Pegasus sailed off the bank. His belly hit the river’s surface with a smack that would have rattled Cari’s teeth if she hadn’t already clenched them tight. Her jaw locked, she aimed her craft for the dark, rushing channel in the middle of the river.
She expected to hear bullets pinging off the canopy at any second. The bubble was made of some new composite that was supposed to be able to withstand a direct hit from a mortar, but she wasn’t particularly anxious to test the shield’s survivability.
She made it to midstream without any bullets cracking against the canopy. As soon as the depth finder registered enough clearance, she took Pegasus under.

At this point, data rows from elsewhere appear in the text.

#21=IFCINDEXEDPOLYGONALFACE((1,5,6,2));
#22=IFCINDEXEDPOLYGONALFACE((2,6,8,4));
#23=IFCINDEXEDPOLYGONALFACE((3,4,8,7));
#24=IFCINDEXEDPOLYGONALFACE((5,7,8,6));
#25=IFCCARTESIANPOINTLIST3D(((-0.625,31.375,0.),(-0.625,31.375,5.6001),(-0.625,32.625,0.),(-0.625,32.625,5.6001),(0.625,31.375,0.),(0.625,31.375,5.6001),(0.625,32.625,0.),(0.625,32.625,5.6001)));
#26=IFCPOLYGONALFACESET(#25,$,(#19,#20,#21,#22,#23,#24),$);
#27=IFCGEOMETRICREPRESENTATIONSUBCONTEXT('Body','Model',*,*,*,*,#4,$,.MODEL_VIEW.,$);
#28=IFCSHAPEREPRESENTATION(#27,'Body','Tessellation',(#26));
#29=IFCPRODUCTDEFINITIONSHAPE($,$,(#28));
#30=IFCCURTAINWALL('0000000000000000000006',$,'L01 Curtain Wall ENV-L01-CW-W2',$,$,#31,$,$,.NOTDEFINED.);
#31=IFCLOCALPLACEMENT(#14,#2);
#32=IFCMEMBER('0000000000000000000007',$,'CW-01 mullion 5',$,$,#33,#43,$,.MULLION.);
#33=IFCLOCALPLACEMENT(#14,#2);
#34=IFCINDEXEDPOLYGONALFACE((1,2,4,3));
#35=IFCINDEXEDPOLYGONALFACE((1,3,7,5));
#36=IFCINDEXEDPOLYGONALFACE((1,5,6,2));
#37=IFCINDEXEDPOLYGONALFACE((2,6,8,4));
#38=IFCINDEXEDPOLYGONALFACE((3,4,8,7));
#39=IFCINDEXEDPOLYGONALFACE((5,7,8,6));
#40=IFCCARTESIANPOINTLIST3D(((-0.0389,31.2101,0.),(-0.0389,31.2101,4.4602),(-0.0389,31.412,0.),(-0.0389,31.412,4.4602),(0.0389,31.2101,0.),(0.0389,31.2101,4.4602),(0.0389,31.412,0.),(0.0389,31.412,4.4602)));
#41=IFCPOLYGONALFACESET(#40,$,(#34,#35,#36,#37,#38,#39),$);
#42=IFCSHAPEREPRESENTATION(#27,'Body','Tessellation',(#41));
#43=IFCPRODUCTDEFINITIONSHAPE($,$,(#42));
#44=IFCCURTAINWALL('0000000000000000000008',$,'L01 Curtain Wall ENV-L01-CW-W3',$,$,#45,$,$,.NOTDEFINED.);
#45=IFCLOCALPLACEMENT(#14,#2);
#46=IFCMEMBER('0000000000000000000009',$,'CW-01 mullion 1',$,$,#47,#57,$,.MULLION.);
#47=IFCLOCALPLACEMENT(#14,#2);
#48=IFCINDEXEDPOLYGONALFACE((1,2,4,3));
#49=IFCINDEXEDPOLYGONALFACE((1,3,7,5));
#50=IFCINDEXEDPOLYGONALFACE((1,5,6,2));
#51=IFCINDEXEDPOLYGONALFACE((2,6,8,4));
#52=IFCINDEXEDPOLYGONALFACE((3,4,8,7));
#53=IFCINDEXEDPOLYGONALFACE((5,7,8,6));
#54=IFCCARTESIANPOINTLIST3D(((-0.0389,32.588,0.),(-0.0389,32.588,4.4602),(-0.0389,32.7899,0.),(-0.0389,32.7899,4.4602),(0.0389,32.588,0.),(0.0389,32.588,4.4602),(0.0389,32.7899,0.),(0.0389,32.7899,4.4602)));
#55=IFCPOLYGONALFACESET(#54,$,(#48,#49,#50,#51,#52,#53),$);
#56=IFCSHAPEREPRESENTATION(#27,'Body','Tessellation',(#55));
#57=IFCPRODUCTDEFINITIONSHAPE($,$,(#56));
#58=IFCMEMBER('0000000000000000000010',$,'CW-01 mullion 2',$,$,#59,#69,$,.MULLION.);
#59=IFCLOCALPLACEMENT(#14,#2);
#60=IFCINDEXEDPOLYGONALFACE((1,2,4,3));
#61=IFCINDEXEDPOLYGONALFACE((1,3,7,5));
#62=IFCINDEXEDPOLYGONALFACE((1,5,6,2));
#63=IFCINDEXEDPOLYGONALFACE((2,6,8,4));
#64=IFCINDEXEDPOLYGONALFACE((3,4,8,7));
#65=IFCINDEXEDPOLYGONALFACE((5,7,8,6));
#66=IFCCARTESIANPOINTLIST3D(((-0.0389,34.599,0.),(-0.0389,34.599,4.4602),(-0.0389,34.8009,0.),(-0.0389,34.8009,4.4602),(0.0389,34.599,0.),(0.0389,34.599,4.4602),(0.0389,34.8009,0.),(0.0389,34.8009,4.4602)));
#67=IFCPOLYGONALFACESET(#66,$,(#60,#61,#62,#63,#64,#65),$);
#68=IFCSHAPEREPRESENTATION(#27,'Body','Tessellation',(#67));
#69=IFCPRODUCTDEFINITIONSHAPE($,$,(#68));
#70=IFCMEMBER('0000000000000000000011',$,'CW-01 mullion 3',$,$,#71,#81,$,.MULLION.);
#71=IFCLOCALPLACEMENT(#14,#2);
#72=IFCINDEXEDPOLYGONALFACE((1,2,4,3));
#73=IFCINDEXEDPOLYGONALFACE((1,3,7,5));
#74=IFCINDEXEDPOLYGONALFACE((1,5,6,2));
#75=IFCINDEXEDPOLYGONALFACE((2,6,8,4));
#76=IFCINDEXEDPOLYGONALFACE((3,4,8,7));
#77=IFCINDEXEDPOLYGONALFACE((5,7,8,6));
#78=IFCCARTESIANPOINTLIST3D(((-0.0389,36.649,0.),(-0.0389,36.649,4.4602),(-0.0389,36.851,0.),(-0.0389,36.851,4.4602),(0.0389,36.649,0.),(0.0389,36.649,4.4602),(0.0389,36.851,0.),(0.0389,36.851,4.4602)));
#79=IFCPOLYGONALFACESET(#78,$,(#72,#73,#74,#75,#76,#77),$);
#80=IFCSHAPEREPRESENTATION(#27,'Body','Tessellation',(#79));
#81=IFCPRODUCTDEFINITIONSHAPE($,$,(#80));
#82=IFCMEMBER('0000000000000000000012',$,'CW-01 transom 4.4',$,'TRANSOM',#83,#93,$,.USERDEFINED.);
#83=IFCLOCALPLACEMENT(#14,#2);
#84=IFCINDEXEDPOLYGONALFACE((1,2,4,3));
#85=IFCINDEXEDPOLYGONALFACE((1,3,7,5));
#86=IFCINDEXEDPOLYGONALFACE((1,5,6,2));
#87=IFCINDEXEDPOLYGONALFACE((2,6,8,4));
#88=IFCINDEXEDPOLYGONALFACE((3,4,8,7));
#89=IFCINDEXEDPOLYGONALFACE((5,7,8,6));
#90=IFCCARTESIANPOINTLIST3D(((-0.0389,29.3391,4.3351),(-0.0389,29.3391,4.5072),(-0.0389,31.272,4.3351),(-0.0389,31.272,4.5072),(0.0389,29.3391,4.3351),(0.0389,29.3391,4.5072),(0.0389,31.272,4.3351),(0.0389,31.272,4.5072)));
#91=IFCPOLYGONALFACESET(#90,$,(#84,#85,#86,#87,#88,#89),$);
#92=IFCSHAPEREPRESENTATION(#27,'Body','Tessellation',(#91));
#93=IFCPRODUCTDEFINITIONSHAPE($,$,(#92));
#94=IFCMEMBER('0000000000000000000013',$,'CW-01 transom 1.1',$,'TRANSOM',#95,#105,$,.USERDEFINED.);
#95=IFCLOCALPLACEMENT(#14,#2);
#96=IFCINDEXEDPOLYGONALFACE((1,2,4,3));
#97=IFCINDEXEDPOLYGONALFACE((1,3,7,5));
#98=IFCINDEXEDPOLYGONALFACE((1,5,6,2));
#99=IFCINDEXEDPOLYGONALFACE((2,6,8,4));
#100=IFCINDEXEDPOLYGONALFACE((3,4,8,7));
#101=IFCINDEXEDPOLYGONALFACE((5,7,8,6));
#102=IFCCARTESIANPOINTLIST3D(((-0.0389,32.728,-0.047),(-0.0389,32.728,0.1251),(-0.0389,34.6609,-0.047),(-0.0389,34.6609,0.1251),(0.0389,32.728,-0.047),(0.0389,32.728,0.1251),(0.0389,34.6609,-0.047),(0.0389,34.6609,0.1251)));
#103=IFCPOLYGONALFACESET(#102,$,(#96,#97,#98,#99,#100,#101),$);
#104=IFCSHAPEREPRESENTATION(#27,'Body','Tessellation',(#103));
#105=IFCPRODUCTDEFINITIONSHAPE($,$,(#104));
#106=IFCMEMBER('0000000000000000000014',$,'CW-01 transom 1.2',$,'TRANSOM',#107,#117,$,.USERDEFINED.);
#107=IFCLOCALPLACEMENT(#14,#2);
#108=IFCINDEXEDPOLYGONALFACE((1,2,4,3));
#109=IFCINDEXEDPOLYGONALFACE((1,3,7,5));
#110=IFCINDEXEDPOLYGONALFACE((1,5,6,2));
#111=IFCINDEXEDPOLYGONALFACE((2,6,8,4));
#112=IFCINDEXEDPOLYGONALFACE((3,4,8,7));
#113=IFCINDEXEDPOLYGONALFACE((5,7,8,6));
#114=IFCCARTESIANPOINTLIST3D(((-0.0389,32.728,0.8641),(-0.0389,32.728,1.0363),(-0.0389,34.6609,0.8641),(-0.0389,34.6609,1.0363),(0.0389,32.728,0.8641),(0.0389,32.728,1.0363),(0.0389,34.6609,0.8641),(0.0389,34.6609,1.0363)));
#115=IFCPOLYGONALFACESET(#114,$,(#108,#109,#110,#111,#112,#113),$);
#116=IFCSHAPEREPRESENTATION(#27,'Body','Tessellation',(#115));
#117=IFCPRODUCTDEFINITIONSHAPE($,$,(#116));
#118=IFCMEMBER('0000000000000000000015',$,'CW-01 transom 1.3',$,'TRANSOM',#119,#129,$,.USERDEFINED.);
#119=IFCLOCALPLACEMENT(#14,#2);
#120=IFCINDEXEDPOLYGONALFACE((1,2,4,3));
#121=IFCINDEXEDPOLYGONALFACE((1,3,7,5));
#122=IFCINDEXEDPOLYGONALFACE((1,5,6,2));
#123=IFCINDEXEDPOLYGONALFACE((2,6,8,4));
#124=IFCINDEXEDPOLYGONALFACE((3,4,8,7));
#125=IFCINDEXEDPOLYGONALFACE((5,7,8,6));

The water closed around them. The view ahead became one of swirling currents, darting fish and dark, fuzzy shapes. As she had during the torturous journey upriver, Cari kept her gaze locked on the sonar screen. All she needed to do now was ram a jagged stump or slimy green bolder.
She didn’t relax her vigil until Mac slid into the seat beside her and assumed duties as navigator. Blowing out a ragged breath, Cari slanted him glance.
“Is the kid okay?”
“Yeah. He’s a tough little runt.” A rueful smile flitted across Mac’s face. “He’s the one who put this crease in my forehead.”
“How’d he do that?”
“He beaned me with a rock.”
Despite the tension still stringing her as tight as an anchor cable, Cari had to laugh. “That’s going to make a great story at the bar when we get back to base. So what happened? How did you lose him?”
“My guess is he fell back and couldn’t call out to us to wait for him.”
“Couldn’t?”
Mac’s smile faded. “When I first collared the kid, I tried to get him to tell me his name and where he’d sprung from. He got stubborn and clammed up. Or so I thought. It wasn’t until Doc White was stitching me up that I found out he can’t talk. He was born without a larynx.”
“Oh, no!”
“The most he can manage is an occasional grunt.”
Cari slumped back against her seat. Her stab of pity for the little boy battled with practical reality.
“You know the crap is going to hit the fan big-time if we take these kids out of Caribe without authorization from their government.”
“Maybe.”
“There’s no maybe about it. Remember the international furor over the Cuban kid, Elian Gonzales?”
“There’s a difference here. Elian Gonzales had a father who wanted him back. These kids are orphans. Throwaways, as Janice White described them, probably because of their disabilities. If their government had bothered with them at all, they would have been shuffled into some institution or foster home.”
A muscle ticked in the side of his jaw. For a moment his expression was remote, closed, unreadable. Then he tore his gaze away from the screen. The hard edges to his face softened and he gave Cari a quick, slashing grin.
“I say we take them out with us.”
She fell a little in love with him at that moment. Here he was, the all-or-nothing, you’re-in-or-you’re out, gung ho marine, putting his military career on the line for a boatload of kids.
Only belatedly did she remember she’d be putting her career on the line, too.
Oh, well. If she’d learned nothing else during her years of service, she’d discovered it was a whole lot easier to ask for forgiveness after the fact than obtain permission beforehand.
“Seeing as they’re already on board,” she replied with an answering grin, “I say we take them with us, too. But I’ll let you advise Captain Westfall of our additional passengers,” she tacked on hastily.